C'est bon j'ai trouvé. Y pas le feu au lac ne nous énervons pas.
Merci!:love:


----------



## toune9320 (19 Septembre 2008)

juliengoestony a dit:


> C'est bon j'ai trouvé. Y pas le feu au lac ne nous énervons pas.
> Merci!:love:



salut, je suis l'heureux acquéreur d'un macbook pro depuis peu de temps et suis encore en train de chercher comment "taper" dièse au clavier.

Le clavier est un clavier suisse français QWERTZ. Sous la ouche ESC en haut a gauche se trouve la touche qui donne § ou ° avec shift.

Si vous avez une idée, merci d'avance...


----------



## toune9320 (19 Septembre 2008)

twinworld a dit:


> pour faire le # je fais la combinaison de touches "alt (ou option)" et "3"



bon, je viens de comprendre le pourquoi du comment !! si Spaces est activé les raccourcis pour changer de bureau sont aussi alt + 3 pour le 3eme bureau!!!!! une fois desactivé Spaces, la combinison alt + 3 correspond bien à # http://forums.macg.co/images/smilies/smile.gif


----------



## ceslinstinct (19 Septembre 2008)

toune9320 a dit:


> bon, je viens de comprendre le pourquoi du comment !! si Spaces est activé les raccourcis pour changer de bureau sont aussi alt + 3 pour le 3eme bureau!!!!! une fois desactivé Spaces, la combinison alt + 3 correspond bien à # http://forums.macg.co/images/smilies/smile.gif


Bonsoir

Je vient de regarder les 57 claviers  Suisse Français utilisé par Apple et aucun ne correspond a ta définition.

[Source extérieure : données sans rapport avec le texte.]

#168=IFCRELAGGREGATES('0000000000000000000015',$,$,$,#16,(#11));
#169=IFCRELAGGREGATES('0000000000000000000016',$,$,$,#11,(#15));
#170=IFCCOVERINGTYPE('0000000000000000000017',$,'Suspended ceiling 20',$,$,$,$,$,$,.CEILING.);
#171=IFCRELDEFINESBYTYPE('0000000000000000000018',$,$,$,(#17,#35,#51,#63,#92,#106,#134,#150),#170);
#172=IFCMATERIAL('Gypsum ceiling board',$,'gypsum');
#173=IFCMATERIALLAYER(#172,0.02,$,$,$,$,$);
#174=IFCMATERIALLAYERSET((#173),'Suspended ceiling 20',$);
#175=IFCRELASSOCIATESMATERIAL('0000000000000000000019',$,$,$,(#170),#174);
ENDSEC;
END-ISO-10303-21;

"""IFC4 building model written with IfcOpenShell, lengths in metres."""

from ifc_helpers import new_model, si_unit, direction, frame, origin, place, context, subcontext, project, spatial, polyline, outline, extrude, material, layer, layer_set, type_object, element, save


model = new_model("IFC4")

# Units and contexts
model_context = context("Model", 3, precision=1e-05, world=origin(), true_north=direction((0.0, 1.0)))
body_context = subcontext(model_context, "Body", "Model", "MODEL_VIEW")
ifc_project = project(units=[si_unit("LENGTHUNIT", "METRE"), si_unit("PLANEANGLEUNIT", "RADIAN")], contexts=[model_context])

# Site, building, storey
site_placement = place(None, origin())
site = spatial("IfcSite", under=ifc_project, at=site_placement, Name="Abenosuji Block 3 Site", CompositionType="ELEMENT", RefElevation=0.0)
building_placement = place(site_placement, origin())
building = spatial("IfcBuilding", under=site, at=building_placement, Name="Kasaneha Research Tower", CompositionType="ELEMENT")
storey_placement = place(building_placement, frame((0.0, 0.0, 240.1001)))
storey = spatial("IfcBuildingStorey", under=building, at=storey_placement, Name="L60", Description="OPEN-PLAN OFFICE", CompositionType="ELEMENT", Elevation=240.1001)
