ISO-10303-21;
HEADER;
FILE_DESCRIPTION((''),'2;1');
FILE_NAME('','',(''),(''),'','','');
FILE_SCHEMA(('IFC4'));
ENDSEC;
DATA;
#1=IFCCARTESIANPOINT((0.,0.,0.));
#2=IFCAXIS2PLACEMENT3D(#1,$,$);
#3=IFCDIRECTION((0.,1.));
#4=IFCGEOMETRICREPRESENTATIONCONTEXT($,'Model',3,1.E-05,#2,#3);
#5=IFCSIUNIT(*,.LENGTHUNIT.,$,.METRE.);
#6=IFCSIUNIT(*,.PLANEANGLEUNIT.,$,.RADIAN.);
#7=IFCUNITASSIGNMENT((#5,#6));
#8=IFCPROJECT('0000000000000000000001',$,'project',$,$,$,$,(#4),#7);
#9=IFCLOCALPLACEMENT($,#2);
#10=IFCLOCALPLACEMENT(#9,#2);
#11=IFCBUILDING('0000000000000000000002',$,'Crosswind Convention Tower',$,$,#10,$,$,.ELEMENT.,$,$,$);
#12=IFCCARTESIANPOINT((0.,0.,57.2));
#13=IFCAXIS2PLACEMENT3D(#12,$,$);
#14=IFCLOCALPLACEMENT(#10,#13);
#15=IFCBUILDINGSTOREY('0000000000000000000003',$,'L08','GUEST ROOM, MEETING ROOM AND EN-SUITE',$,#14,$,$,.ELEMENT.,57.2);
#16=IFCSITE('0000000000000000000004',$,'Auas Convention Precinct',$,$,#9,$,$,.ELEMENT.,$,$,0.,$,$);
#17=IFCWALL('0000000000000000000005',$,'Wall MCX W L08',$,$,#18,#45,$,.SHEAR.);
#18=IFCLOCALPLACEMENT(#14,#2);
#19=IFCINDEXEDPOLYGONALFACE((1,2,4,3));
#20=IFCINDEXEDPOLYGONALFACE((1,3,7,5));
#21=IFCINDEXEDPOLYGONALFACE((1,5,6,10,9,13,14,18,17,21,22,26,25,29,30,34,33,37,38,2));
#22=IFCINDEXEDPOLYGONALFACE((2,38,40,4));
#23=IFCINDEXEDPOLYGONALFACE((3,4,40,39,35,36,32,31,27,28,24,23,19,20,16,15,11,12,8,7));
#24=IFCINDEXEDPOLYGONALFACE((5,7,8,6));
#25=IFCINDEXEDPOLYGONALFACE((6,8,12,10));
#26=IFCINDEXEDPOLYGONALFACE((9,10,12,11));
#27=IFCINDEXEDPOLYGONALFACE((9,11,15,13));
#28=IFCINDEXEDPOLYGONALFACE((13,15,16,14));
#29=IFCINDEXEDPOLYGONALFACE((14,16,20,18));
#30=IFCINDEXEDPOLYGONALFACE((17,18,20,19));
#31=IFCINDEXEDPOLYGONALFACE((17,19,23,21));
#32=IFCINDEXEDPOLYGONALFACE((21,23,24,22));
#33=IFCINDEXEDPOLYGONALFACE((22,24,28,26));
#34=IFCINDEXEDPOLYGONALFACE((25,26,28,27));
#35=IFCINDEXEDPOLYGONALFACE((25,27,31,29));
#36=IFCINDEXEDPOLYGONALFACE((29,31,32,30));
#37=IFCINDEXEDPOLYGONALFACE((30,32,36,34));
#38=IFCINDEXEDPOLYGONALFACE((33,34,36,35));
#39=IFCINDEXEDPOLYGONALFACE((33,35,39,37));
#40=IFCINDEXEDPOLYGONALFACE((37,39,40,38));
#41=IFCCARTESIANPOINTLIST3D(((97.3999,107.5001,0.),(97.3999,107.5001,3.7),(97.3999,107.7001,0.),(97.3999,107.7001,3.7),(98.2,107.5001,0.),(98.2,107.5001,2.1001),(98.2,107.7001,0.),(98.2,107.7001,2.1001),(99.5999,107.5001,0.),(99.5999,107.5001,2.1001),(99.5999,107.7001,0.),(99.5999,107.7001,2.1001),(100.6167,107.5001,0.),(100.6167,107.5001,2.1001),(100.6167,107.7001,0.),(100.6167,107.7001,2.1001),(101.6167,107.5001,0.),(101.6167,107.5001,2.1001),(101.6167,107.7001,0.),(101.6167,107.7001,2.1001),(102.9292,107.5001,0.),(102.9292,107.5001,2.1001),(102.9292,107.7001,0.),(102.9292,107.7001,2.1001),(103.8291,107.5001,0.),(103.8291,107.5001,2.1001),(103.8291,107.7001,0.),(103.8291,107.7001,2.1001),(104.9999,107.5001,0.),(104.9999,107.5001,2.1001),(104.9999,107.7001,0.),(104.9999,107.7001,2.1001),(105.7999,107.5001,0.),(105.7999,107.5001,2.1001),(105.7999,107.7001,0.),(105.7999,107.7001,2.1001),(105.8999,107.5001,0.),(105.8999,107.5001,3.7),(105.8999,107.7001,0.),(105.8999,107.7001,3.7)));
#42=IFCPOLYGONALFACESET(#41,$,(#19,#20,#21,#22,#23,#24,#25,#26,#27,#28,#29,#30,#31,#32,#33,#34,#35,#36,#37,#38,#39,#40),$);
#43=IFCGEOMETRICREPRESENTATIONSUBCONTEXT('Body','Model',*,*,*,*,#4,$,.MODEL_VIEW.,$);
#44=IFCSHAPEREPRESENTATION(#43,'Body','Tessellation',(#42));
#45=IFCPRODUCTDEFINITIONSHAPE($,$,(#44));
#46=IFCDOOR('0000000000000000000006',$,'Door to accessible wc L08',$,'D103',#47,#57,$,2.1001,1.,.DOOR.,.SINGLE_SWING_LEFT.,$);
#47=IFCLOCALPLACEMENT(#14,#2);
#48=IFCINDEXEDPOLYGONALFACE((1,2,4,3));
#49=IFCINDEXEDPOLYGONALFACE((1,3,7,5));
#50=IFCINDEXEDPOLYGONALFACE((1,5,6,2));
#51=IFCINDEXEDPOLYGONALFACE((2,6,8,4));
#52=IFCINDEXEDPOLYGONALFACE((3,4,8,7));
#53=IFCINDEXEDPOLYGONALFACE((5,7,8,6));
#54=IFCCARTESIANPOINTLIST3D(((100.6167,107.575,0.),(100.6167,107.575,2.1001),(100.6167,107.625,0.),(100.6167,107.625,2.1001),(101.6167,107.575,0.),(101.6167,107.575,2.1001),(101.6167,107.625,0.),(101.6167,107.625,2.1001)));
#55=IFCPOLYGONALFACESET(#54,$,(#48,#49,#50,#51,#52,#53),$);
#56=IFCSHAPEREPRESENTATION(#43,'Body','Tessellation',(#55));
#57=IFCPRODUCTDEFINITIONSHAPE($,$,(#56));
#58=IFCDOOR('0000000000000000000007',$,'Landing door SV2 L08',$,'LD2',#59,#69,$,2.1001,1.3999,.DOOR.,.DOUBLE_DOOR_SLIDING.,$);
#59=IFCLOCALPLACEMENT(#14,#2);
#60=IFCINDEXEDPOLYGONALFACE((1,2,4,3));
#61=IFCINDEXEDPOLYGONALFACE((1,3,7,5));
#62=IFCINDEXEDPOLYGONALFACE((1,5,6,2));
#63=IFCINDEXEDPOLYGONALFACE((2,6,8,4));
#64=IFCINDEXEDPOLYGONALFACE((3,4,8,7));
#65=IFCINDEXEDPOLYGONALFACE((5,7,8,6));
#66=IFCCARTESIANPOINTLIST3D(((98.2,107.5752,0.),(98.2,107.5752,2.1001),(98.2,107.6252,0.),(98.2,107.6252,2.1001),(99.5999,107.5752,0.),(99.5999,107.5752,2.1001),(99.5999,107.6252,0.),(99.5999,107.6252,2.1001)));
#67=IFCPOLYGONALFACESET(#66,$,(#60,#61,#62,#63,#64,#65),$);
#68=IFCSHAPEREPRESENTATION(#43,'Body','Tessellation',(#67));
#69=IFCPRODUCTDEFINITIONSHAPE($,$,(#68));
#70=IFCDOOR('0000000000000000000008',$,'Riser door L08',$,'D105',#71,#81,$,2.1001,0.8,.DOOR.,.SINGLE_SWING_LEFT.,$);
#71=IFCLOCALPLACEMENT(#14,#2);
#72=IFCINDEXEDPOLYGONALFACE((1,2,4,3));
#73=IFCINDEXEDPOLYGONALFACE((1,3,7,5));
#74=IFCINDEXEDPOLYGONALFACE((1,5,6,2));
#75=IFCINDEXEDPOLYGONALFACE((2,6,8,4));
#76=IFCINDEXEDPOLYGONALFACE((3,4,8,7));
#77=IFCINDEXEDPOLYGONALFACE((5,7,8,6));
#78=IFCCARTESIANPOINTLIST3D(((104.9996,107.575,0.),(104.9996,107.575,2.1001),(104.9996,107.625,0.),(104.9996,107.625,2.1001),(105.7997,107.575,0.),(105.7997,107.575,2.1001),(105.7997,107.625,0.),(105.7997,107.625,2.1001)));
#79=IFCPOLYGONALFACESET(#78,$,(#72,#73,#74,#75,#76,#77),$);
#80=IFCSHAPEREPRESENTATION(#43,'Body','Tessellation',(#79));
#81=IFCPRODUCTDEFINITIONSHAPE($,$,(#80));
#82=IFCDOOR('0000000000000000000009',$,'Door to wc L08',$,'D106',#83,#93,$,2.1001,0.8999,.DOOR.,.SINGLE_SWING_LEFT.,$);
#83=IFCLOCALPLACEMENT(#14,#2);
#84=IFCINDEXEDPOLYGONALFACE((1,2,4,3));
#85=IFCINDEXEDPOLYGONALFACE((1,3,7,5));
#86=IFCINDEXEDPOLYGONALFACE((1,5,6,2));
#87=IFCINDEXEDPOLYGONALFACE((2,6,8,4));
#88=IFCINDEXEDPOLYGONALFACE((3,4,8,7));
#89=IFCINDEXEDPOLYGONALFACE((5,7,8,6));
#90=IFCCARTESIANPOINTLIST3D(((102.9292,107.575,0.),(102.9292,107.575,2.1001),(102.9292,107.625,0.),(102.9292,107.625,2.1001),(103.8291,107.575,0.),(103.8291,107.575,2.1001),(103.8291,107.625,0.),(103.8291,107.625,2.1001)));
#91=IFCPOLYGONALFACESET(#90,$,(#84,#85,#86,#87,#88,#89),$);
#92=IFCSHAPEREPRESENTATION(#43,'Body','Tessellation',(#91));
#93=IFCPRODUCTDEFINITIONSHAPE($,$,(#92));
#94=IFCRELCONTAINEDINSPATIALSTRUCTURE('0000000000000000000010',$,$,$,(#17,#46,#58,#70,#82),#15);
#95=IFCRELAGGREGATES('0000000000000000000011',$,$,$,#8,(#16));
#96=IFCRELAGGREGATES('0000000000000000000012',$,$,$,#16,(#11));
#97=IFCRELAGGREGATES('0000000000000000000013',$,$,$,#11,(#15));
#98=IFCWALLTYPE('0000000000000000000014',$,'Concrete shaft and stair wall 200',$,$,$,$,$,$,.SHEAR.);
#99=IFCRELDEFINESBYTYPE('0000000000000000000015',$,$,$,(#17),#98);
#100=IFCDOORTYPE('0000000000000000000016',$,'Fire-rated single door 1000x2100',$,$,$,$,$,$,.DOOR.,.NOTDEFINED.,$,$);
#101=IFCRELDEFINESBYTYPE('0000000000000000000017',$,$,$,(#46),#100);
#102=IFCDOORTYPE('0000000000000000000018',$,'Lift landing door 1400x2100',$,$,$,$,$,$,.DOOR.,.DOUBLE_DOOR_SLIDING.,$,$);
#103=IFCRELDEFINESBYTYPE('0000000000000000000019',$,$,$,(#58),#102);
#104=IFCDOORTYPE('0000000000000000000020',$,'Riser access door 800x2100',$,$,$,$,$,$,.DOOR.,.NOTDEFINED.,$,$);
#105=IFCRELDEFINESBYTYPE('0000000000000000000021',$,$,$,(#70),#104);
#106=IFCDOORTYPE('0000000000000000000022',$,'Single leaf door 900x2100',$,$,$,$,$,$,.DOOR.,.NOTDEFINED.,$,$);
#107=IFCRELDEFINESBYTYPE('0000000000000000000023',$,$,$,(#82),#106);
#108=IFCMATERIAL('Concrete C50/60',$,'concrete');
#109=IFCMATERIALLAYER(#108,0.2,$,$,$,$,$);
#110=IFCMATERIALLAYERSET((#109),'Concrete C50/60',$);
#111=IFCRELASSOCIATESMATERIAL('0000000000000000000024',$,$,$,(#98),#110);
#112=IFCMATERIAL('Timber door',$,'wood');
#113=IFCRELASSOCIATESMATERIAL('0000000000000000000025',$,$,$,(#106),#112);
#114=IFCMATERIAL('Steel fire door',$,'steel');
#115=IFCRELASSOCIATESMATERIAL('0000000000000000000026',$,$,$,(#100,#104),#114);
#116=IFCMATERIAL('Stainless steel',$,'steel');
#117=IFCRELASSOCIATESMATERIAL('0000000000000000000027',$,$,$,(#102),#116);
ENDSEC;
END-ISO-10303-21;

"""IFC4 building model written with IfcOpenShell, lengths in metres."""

from ifc_helpers import new_model, si_unit, direction, frame, frame_2d, origin, place, context, subcontext, project, spatial, rectangle, extrude, material, layer, layer_set, type_object, element, fill, save


model = new_model("IFC4")

# Units and contexts
model_context = context("Model", 3, precision=1e-05, world=origin(), true_north=direction((0.0, 1.0)))
body_context = subcontext(model_context, "Body", "Model", "MODEL_VIEW")
ifc_project = project(units=[si_unit("LENGTHUNIT", "METRE"), si_unit("PLANEANGLEUNIT", "RADIAN")], contexts=[model_context])

# Site, building, storey
site_placement = place(None, origin())
site = spatial("IfcSite", under=ifc_project, at=site_placement, Name="Auas Convention Precinct", CompositionType="ELEMENT", RefElevation=0.0)
building_placement = place(site_placement, origin())
building = spatial("IfcBuilding", under=site, at=building_placement, Name="Crosswind Convention Tower", CompositionType="ELEMENT")
storey_placement = place(building_placement, frame((0.0, 0.0, 57.2)))
storey = spatial("IfcBuildingStorey", under=building, at=storey_placement, Name="L08", Description="GUEST ROOM, MEETING ROOM AND EN-SUITE", CompositionType="ELEMENT", Elevation=57.2)

# Shared definitions
ifc_material_1 = material(Name="Concrete C50/60", Category="concrete")

# Shared definitions
ifc_layer_1 = layer(ifc_material_1, 0.2)
ifc_layer_set_1 = layer_set([ifc_layer_1], Name="Concrete C50/60")
wall_type_1 = type_object("IfcWallType", Name="Concrete shaft and stair wall 200", PredefinedType="SHEAR", material=ifc_layer_set_1)

# Shared definitions
ifc_material_2 = material(Name="Timber door", Category="wood")
door_type_1 = type_object("IfcDoorType", Name="Single leaf door 900x2100", OperationType="NOTDEFINED", PredefinedType="DOOR", material=ifc_material_2)

# Shared definitions
ifc_material_3 = material(Name="Steel fire door", Category="steel")
door_type_2 = type_object("IfcDoorType", Name="Fire-rated single door 1000x2100", OperationType="NOTDEFINED", PredefinedType="DOOR", material=ifc_material_3)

Heureusement que tu as trouvé.

Bienvenue parmi nous.

@+


----------



## bompi (20 Septembre 2008)

toune9320 a dit:


> bon, je viens de comprendre le pourquoi du comment !! si Spaces est activé les raccourcis pour changer de bureau sont aussi alt + 3 pour le 3eme bureau!!!!! une fois desactivé Spaces, la combinison alt + 3 correspond bien à # http://forums.macg.co/images/smilies/smile.gif


Dans les options de Spaces, tu peux choisir la touche CTRL plutôt que ALT.


----------